Enter Loan and Debt Details
Example Data Table
Use this sample to test the calculator quickly.
| Name | Balance | APR | Minimum Payment |
|---|---|---|---|
| Visa Card | $4,200 | 24.90% | $125 |
| Personal Loan | $8,800 | 11.50% | $250 |
| Auto Loan | $15,300 | 6.90% | $390 |
| Student Loan | $6,700 | 4.80% | $140 |
Formula Used
Monthly interest rate: APR ÷ 100 ÷ 12
Monthly interest: Current balance × monthly interest rate
Monthly payment budget: Total minimum payments + extra payment + selected lump sum
Principal paid: Total monthly payment − monthly interest
New balance: Previous balance + interest − payment applied
Avalanche order: Highest APR first. This often reduces total interest.
Snowball order: Lowest balance first. This often creates faster early wins.
How to Use This Calculator
- Enter each debt on a separate row.
- Use the format: name, balance, APR, and minimum payment.
- Choose avalanche, snowball, or highest balance payoff order.
- Add your extra monthly payment.
- Add any one-time lump sum and its month.
- Set a start date for the payoff schedule.
- Press the calculate button.
- Review the results above the form.
- Download the CSV or PDF for records.
Debt Payoff Planning Guide
Why payoff order matters
A debt payoff plan gives structure to every payment. It also shows how much interest may be avoided. The avalanche method focuses on the highest rate first. This approach usually saves the most money. It attacks expensive debt before cheaper debt. The snowball method focuses on the smallest balance first. This approach can feel easier to follow. It creates quick wins and visible progress.
How extra payments change the result
Extra payments can shorten the payoff timeline. Even a small added amount may reduce interest. The key is consistency. This calculator keeps the total payment budget active. When one debt is paid, its payment rolls into the next target. That rollover is the main force behind both methods. It turns old minimum payments into stronger principal payments.
Choosing a strategy
Choose avalanche when saving interest is your top goal. Choose snowball when motivation is more important. Many people need a method they can keep using. A mathematically perfect plan does not help if it is abandoned. Compare both results before choosing. Look at the interest cost, payoff month, and first debt cleared. These details can show which plan fits your behavior.
Reading the schedule
The monthly schedule shows payment, interest, principal, and remaining balance. Interest is added before payments are applied. Minimum payments go to active debts first. Remaining money goes to the current priority debt. The chart shows the falling balance over time. A steeper line means faster payoff progress. Use the CSV file for deeper review. Use the PDF file for sharing or planning meetings.
Practical payoff tips
Keep an emergency fund while reducing debt. Avoid adding new balances during the plan. Recalculate after rate changes or large payments. Review the plan every few months. Increase extra payments when income rises. Direct bonuses or refunds toward the target debt. A clear plan can turn several debts into one focused monthly action.
FAQs
What is the loan avalanche method?
The avalanche method pays minimums on all debts, then sends extra money to the highest APR debt first. It usually saves the most interest.
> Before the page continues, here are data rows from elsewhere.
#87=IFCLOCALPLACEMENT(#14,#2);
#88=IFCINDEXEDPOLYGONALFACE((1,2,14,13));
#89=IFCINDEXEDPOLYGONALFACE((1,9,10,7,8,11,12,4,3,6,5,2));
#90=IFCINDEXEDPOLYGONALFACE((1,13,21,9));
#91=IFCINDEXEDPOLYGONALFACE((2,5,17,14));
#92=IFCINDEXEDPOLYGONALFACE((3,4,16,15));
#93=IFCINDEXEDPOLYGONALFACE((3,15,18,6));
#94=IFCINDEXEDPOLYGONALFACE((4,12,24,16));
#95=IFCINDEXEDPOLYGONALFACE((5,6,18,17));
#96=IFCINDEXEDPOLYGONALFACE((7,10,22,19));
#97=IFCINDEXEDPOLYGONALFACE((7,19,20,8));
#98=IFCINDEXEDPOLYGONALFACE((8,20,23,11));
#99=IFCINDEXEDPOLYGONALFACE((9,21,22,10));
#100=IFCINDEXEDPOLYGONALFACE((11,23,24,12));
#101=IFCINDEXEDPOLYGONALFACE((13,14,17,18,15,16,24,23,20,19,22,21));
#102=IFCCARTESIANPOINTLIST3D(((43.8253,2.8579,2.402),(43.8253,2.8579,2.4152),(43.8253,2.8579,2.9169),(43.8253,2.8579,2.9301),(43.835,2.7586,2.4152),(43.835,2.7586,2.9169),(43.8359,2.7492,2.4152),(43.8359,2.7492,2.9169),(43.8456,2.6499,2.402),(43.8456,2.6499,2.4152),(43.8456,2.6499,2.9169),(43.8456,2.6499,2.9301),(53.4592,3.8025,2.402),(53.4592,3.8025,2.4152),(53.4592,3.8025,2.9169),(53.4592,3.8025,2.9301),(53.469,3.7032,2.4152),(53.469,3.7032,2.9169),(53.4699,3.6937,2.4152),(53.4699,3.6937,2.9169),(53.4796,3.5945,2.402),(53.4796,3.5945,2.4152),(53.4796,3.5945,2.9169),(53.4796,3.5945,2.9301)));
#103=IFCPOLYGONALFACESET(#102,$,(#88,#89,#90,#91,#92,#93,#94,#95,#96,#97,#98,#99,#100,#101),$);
What is the loan snowball method?
The snowball method pays minimums on all debts, then sends extra money to the smallest balance first. It can build motivation through quick wins.
Which method saves more money?
The avalanche method usually saves more money because it targets the most expensive interest rate first. Results depend on your balances and rates.
Which method is better for motivation?
The snowball method is often better for motivation. It clears smaller debts sooner and gives visible progress early in the payoff journey.
Does this calculator roll over paid-off minimums?
Yes. The calculator keeps the original minimum payment budget active. When a debt is cleared, that payment helps attack the next debt.
Can I add a one-time extra payment?
Yes. Enter a lump sum and choose the month it should apply. The amount is added to that month’s payment budget.
Why does the payoff date change?
The payoff date changes when rates, balances, minimums, extra payments, or lump sums change. Small changes can affect interest and timeline.
Can I export my payoff schedule?
Yes. Use the CSV button for spreadsheet analysis. Use the PDF button for a printable payoff summary and schedule.